What is the bodyright petition?

As part of the bodyright campaign, UNFPA has launched a petition, hosted by Global Citizen, demanding tangible action to put a stop to digital violence and abuse. We are asking people to sign it and demand that policymakers, companies and digital platforms take online abuse as seriously as they do copyright infringements.

What is digital violence?

Digital violence is typically highly sexualized and takes many forms including cyberbullying, cyberflashing, doxxing, hate speech and non-consensual use of images and video, such as deepfakes. People are targeted with slurs, including references to rape, based on gender, race, LGBTQ+ status, body type and other identifiers and their images are subjected to demeaning non-consensual sexual acts.

Globally, 85% of women reported witnessing digital violence, and nearly 40% have experienced it personally*.

*Source: all data referenced is taken from Economist Intelligence Unit, 2020: Study only surveyed 18+

Why is online abuse a problem?

This misogynist hate and devaluation of women online causes long-term psychological, emotional and physical distress. Nine out of ten women (92%) report online violence harms their sense of well-being and over a third (35%) have experienced mental health issues due to online violence. It also inhibits authentic self-expression and adversely impacts professional and economic livelihoods of people who depend on online and social media spaces.

What is bodily autonomy?

Bodily autonomy is the right of every individual to choose what they do with their bodies and to live free of fear and violence. This principle should apply both online and offline.

What is gender-based violence?

Gender-based violence is harmful and damaging acts directed against individuals or groups based on their gender. It is often violence against women and girls and includes everything from sexual violence in the real world to online sexual harassment, cyberbullying, doxxing and malicious manipulation of images, such as deepfakes.

Why doesn’t the law protect me against online abuse and digital violence?

Laws in this area have not kept pace with the technology and they need to catch up fast. In 64 of 86 countries, law enforcement agencies and courts appear to be failing to take appropriate corrective actions to address online violence against women.

Even where countries do have legal remedies, they are often not consistent across states, districts or provinces. This must change. Seeking justice should not have to be another traumatizing experience. We must push for a world where everyone is protected from online abuse by consistent and effective legal measures.

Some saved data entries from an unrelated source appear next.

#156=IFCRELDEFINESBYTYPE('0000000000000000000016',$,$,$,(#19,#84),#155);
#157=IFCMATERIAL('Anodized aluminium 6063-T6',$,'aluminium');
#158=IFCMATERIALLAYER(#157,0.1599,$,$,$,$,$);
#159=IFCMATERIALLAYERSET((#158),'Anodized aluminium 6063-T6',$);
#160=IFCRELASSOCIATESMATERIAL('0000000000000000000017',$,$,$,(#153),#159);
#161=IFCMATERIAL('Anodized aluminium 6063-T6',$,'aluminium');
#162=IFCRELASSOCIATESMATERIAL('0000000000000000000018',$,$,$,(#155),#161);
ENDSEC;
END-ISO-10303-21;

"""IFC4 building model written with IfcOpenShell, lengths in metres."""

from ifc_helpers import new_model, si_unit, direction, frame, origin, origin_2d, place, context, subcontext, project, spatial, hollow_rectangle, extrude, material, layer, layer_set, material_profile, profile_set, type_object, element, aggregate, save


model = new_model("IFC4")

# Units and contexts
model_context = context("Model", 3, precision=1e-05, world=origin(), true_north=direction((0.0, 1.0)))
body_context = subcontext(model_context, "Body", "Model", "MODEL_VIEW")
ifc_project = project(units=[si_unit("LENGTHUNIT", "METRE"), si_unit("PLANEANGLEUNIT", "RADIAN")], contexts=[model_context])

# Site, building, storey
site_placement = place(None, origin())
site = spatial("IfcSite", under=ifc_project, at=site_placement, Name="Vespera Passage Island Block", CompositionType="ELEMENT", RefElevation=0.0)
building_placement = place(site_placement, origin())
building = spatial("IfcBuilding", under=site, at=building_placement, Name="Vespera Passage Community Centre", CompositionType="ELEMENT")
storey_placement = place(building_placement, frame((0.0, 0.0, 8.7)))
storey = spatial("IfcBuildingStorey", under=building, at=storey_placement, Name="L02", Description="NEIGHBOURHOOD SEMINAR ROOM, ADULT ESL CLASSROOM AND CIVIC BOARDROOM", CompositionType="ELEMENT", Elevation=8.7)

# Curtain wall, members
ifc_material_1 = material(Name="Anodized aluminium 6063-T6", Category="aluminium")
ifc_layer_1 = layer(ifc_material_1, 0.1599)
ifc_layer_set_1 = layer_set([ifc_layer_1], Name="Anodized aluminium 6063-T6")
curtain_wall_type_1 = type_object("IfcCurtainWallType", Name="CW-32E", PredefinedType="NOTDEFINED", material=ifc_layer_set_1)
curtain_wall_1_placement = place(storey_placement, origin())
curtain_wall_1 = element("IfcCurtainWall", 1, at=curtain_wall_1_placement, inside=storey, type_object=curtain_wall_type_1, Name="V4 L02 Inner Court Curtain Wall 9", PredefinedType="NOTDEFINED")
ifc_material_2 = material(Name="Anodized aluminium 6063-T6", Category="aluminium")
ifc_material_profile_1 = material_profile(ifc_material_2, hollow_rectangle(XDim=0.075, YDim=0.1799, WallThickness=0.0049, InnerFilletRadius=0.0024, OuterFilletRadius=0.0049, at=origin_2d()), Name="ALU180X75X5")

What can policymakers do to help combat digital violence?

Governments need to step up. Laws in this area have not kept pace with the technology and they need to catch up fast. Even where countries do have legal remedies, they are often not consistent across states, districts or provinces.

The non-consensual use, misuse or abuse of people’s images should be criminalized and tech companies and social media platforms should be legally obligated to put effective moderation and reporting systems in place.

What can tech companies do to help combat digital violence?

Tech companies need to step up. Digital and social media platforms, online forums and content sites should take the abuse of human bodies at least as seriously as copyright infringements.

They should actively moderate content and immediately remove harmful and abusive images without requiring legal processes. They should make reporting easy and allow people to better control who can see, share and comment on their content.

Tech companies need to create innovative solutions to prevent digital violence and improve online safety. Tech companies must be more responsive to victims seeking help in taking down posts that violate their rights and privacy and address perpetrators appropriately.